Yesterday morning, I went to the Toronto passport office just to make sure all my papers for my Canadian passport were in order before I mailed them. I waited about ten minutes for my number to come up and went to speak with a very pleasant woman behind the counter. She said they could process it there, without my having to mail it, but I would have to be able to pick it up in person. I told her that wouldn’t be possible because I was leaving Monday morning for Montreal. She asked, “can you prove your travel plans ?” I showed her my flight reservation on my phone calendar, and she said, “Well, I think that qualifies you for urgent processing of your passport. Can you come in tomorrow?”
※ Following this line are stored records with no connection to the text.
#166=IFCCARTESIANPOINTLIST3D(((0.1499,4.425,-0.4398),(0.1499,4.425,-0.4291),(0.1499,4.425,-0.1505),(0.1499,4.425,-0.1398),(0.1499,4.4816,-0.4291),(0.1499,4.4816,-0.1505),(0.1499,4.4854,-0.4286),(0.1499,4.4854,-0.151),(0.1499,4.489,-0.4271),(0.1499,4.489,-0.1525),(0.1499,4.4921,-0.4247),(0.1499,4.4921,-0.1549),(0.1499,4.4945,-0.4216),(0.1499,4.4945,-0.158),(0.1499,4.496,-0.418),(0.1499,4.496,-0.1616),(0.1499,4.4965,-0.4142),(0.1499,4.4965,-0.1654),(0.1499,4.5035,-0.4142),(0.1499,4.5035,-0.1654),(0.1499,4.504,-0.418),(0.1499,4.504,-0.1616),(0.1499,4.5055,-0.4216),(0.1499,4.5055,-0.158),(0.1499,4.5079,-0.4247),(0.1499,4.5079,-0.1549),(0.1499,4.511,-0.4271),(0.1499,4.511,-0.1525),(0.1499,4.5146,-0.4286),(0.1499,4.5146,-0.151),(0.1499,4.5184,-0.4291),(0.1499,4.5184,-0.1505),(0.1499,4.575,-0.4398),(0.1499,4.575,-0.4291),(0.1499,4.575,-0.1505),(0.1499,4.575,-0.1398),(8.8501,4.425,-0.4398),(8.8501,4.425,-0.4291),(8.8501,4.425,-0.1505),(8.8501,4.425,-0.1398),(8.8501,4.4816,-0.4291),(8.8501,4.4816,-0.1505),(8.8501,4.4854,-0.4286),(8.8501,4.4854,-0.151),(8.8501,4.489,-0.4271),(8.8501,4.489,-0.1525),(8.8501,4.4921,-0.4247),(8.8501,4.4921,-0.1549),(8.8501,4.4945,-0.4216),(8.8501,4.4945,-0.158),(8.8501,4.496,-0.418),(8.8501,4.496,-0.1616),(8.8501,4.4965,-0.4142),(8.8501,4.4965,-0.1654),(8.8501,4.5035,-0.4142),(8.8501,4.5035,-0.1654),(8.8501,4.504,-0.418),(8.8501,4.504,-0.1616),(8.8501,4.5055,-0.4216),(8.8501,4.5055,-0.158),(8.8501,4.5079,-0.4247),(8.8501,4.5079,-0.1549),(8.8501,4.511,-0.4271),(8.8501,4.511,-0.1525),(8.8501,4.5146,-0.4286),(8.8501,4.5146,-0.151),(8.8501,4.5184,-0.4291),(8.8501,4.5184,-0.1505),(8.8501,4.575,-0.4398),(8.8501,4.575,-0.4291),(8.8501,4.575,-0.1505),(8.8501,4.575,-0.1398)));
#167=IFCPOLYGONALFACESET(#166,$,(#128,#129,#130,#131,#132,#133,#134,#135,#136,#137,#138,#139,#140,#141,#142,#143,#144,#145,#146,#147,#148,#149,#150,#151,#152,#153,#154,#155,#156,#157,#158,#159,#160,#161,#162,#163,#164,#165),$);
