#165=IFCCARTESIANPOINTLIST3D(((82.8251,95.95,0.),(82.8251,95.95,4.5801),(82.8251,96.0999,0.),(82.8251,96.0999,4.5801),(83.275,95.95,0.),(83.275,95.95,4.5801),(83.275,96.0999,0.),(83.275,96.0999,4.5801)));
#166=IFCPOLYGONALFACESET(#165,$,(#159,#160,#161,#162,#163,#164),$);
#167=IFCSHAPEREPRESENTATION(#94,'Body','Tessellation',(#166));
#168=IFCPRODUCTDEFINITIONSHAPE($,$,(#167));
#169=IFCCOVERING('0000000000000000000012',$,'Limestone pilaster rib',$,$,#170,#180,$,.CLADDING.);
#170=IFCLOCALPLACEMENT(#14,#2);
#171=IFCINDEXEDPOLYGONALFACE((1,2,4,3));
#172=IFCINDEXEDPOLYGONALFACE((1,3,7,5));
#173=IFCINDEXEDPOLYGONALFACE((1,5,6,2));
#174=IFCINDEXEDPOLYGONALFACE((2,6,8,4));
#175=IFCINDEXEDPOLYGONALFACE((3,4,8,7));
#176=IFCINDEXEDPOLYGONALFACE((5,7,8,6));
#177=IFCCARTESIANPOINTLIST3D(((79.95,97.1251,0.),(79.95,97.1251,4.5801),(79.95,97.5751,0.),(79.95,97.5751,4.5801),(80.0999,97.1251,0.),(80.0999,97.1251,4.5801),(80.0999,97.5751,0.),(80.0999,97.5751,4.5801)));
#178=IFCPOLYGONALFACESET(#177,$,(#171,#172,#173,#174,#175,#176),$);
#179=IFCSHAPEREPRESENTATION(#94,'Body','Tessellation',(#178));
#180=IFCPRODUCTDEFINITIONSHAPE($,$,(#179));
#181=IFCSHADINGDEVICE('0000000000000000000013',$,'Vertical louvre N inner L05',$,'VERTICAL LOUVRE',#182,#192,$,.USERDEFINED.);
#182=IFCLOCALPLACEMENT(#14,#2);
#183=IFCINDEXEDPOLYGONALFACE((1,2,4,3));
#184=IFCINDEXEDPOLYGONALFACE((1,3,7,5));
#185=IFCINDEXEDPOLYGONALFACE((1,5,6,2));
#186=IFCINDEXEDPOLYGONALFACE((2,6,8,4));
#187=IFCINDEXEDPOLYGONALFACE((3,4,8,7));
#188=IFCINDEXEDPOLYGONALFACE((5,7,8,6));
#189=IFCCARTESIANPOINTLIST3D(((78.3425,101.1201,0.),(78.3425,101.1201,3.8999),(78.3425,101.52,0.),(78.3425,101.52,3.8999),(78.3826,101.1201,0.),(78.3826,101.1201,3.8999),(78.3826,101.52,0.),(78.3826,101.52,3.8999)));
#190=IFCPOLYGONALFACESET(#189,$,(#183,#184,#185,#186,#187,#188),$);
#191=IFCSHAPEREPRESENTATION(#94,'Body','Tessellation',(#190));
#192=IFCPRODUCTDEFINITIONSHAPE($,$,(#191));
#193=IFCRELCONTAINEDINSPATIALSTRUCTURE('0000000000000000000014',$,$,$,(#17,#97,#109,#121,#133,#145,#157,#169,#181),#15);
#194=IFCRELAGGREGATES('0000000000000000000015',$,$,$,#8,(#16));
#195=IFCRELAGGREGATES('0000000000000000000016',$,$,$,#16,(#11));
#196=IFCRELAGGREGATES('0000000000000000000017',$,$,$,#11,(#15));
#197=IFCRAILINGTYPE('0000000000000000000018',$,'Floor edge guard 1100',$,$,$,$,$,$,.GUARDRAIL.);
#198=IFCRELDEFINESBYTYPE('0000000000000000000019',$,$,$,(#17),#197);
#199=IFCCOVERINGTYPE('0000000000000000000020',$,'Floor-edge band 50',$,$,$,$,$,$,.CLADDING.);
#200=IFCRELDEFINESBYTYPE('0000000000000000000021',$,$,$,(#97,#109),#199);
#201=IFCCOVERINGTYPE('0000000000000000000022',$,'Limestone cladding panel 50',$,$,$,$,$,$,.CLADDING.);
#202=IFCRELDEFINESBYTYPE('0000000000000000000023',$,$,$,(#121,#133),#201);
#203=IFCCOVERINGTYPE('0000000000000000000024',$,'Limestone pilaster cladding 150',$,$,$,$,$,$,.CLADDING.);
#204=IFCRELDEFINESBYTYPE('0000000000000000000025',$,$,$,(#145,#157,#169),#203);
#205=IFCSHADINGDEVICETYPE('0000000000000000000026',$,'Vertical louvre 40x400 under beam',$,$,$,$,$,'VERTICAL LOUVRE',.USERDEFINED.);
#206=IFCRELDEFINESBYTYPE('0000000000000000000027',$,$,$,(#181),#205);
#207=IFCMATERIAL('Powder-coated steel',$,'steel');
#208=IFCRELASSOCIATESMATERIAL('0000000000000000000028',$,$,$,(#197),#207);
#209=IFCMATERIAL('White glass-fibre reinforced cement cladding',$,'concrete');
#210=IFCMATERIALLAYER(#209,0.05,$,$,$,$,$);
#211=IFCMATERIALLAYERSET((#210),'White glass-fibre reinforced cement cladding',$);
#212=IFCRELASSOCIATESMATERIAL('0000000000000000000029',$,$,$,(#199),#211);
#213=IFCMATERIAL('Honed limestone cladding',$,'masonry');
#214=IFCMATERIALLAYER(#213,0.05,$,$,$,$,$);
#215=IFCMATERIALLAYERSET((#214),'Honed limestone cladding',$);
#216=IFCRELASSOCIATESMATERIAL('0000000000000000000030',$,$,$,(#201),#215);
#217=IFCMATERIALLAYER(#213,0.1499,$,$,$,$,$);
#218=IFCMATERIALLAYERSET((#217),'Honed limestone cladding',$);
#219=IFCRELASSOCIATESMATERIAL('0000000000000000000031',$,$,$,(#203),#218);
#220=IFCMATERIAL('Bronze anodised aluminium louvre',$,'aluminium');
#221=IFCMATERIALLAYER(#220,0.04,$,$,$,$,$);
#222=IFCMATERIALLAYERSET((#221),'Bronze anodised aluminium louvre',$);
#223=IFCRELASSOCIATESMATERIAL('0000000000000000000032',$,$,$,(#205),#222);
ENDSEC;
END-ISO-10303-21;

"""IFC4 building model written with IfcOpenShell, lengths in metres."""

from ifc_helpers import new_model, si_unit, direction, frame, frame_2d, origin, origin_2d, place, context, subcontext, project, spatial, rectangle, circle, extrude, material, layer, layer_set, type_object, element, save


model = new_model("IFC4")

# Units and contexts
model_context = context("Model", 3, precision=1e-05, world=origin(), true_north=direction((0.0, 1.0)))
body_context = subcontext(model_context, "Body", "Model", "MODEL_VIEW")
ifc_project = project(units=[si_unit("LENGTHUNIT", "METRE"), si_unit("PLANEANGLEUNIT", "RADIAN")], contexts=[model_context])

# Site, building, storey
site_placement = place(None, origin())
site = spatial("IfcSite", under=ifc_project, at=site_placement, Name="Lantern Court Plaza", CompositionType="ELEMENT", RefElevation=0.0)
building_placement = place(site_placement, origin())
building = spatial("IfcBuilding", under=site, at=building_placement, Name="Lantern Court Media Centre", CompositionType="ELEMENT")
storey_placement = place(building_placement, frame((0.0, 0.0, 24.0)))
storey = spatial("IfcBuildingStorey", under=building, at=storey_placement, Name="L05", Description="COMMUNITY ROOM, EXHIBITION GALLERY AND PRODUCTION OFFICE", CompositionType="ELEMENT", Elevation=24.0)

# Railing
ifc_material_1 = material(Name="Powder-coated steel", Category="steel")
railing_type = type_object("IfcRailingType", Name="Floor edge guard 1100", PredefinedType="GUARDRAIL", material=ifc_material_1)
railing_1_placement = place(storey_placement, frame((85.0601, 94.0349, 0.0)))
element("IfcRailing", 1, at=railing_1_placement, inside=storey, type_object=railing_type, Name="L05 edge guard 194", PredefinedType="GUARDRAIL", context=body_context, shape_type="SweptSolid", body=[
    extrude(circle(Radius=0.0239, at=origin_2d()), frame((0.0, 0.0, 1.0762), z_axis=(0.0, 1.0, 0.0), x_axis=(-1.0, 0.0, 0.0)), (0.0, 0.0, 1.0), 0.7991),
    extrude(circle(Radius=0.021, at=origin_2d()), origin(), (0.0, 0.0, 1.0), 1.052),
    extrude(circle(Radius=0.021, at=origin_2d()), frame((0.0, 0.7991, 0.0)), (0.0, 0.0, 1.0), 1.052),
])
Well, yes! I was in and out in about 40 minutes that day, with more than I had come for. With a little bit of scrambling around, and the help of the people who served as my references, 24 hours later, after no wait and another round of pleasant people, one of whom took the photo here, I have my Canadian passport.
Here’s another story. When I was pickpocketed in Barcelona this spring, my driver’s license was in my wallet. I carry it for ID abroad, so I can leave my passport in the safe. I tried to submit an application for a duplicate online, assuming that because the license wasn’t near expiring and I had no violations on my record, it would be simple. It wasn’t. The online site told me I had to go into the DMV in person. When I got home in July, there were no appointments for the next two months anywhere in San Diego County. The first available slot was after I left on another assignment, and the calendar had not yet opened up for any appointments in October, after I returned.
The solution, according to the DMV, was to go in without an appointment and wait in line Here’s how well that works: Dan tried renewing his license that way last month, only to wait in line more than three hours until he had to leave for another appointment, without ever getting the license. The next time he got there at 6:30 in the morning, two hours before they opened, and there were still three dozen people in line. He waited for two hours then waited another hour inside, but managed to get the license. That’s what you go through for routine renewal or replacement in the comparatively high-functioning State of California.
The moral here is that bureaucracies can work well. The passport office in Toronto does. Everyone smiles, the office is clean and well lit, and the service is quick. The attitude seemed to be to do all they can for the client. I got so much more than I came in expecting.
Contrast with the grimy and dilapidated DMV office in San Diego. So many more services need to be done in person, yet it is in the same cramped space it has been for decades, with people spilling out the doors just to get to the point where they can get a number to begin their wait. If you are lucky you will get a clerk in a good mood. If not, be prepared to be treated like just another aggravation in his or her day. With luck, you will get what you came for, but you will probably not go away feeling the clerk cared much either way.
Okay, maybe it’s a first world problem, compared to what most people have to deal with. I’ll grant that. But really, in this and other ways, I feel as if my country is barely clinging to status as a first world country. We are a threatened democracy, we have crumbling infrastructure, dysfunctional government services, no universal health care, young adults crippled with debt for schooling, environmental deregulations that are making some places uninhabitable, with many more to come. Enough yet? I could go on.
It doesn’t have to be this way. My experience in Canada is evidence of this. Yet little by little, Americans have come to expect less and less from their government. I remember when I first came to work at San Diego City College, I quickly learned not to expect that the drinking fountains would work. That’s how it starts. You stop expecting even a basic level of function, then you start assuming things will go badly, then you realize, stunned, what many poor Americans, white or of color, have known forever—that to the powers that be, it is perfectly okay if people (certain kinds of people in particular) don’t get their needs met. The solution is to adjust one’s expectations. In other words, the motto for this coming American age may be”Welcome to the Land of the Free and the Home of the Brave. Please bring your own toilet paper.”